秦宣麵色如常。
他掃了眼張文妙。
“怎麽,我不像?”
“還是說,大魏皇帝,就該擺出一副高高在上,不食人間煙火的模樣?”
“亦或者,身後要跟著八百個護衛,才算牌麵?”
張文妙心肝欲裂,驚恐之至,跪拜在地。
“龍虎山外門弟子,見過天子。”
“方才惹怒天子,實非貧道本意。

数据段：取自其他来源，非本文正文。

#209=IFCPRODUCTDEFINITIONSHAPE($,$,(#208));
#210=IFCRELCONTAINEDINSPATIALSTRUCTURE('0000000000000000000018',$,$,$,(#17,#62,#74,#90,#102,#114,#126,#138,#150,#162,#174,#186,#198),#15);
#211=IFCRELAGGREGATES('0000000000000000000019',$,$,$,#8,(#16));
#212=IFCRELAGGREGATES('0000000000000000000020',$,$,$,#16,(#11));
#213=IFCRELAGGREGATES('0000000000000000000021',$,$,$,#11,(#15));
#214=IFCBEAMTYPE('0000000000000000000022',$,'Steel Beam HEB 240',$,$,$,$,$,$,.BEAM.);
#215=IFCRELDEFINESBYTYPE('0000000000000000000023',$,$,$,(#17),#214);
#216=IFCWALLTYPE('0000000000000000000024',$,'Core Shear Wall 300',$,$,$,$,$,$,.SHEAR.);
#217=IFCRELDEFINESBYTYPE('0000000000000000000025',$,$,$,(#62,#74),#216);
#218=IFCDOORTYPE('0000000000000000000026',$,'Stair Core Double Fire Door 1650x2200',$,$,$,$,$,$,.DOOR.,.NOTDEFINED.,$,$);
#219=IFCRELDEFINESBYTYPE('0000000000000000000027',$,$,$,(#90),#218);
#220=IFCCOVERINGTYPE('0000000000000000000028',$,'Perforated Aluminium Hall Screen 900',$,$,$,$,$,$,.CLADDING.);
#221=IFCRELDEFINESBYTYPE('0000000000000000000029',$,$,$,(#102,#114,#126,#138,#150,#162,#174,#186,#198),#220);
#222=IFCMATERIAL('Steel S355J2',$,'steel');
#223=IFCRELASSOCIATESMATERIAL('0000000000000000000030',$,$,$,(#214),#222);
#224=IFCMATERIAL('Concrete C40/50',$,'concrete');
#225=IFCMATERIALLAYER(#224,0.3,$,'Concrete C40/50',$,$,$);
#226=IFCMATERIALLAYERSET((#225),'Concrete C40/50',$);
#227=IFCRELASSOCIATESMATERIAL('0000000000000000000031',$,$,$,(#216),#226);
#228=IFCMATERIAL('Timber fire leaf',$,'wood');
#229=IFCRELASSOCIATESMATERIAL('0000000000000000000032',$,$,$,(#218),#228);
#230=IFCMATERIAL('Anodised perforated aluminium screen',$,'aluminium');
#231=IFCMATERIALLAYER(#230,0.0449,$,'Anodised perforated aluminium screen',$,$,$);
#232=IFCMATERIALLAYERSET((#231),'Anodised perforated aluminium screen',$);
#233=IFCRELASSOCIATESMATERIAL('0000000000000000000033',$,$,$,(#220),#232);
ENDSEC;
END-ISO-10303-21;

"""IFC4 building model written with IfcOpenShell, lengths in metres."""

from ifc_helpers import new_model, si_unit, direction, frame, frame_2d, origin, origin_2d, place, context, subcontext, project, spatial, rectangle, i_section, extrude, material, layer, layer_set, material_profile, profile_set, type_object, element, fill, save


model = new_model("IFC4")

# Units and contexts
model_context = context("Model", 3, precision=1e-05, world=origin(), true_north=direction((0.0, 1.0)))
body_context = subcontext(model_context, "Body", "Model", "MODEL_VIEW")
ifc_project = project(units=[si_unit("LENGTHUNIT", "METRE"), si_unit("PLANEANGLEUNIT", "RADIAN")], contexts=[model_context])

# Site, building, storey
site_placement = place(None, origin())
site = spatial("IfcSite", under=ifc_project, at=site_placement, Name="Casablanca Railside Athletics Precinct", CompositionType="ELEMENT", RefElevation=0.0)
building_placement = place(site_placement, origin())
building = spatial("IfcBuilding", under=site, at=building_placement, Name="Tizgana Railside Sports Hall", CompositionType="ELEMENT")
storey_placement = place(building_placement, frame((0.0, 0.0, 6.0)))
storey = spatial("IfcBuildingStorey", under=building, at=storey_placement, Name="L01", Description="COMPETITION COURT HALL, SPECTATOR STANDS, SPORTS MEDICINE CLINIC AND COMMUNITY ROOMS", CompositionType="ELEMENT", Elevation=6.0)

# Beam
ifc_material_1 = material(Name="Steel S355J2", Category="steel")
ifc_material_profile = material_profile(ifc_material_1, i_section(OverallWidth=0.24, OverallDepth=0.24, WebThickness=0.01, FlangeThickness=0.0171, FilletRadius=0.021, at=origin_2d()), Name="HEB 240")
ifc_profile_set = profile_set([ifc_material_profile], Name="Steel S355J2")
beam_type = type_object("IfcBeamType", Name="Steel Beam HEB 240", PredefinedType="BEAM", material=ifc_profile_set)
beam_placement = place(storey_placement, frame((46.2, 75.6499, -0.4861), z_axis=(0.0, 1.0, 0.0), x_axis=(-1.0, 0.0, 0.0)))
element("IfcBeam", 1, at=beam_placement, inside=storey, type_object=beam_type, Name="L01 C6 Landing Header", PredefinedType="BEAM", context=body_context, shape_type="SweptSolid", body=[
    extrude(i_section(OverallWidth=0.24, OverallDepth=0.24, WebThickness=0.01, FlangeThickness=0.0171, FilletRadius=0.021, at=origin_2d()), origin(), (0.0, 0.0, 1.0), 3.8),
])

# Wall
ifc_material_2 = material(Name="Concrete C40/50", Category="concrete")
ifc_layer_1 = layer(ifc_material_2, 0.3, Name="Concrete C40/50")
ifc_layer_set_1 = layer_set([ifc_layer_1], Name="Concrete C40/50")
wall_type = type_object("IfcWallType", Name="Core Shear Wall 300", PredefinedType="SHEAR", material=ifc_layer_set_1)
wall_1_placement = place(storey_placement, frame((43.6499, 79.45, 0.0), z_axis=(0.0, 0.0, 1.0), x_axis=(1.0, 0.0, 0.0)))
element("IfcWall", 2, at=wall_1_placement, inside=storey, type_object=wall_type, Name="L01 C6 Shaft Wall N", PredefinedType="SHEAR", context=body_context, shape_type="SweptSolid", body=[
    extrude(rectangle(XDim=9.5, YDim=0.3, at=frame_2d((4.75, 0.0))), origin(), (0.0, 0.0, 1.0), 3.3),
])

”
“那龍虎山老祖喜怒無常,貧道害怕外人現身此地,他遷怒我等。”
“天子恕罪,恕罪……”
秦宣笑容不減。
“找個地方自刎而死。”
“如果逼著我殺你,你的家人也不會好過。”
張文妙驚恐到了極點,連滾帶爬不顧身上的傷勢,衝到秦宣麵前,瘋狂磕頭。
“陛下,貧道方才並不知道陛下的身份。”
“如果貧道知道的話,貧道怎敢驅趕陛下。”
“貧道,貧道……”
在他言語之間,大魏皇帝的言語鋒芒畢露。
“難道,朕的話,對你不管用?”
“好,若你能夠在此刻殺掉朕,倒也不會有人追究你的責任。”
“朕此次出行,隻帶著一個高手,兩名奴仆。”
“絕無他人在側。”
“而龍虎山掌門人,為了避免紛爭,會比誰都更加積極封鎖消息。”
“你大可動手!”
張文妙絕望。
沒想到,三言兩語之間,皇帝竟然要殺他。
他不死,他的家人就要死。
一時之間,龍虎山的不少道士們,都驚恐的張望過來。
秦宣無動於衷。
龍虎山掌門人趙天生,不說話。
張文妙嚎啕大哭,拔出腰間桃木劍,自刎而死。
秦宣哈哈大笑。
“終究還是要死,又跟朕廢話作甚。”
龍虎山掌門趙天生,對那些震撼難言不敢多語的人簡單揮手。
那些人並未聽到秦宣自稱朕。
也並沒有看到張文妙跟秦宣之間發生的矛盾。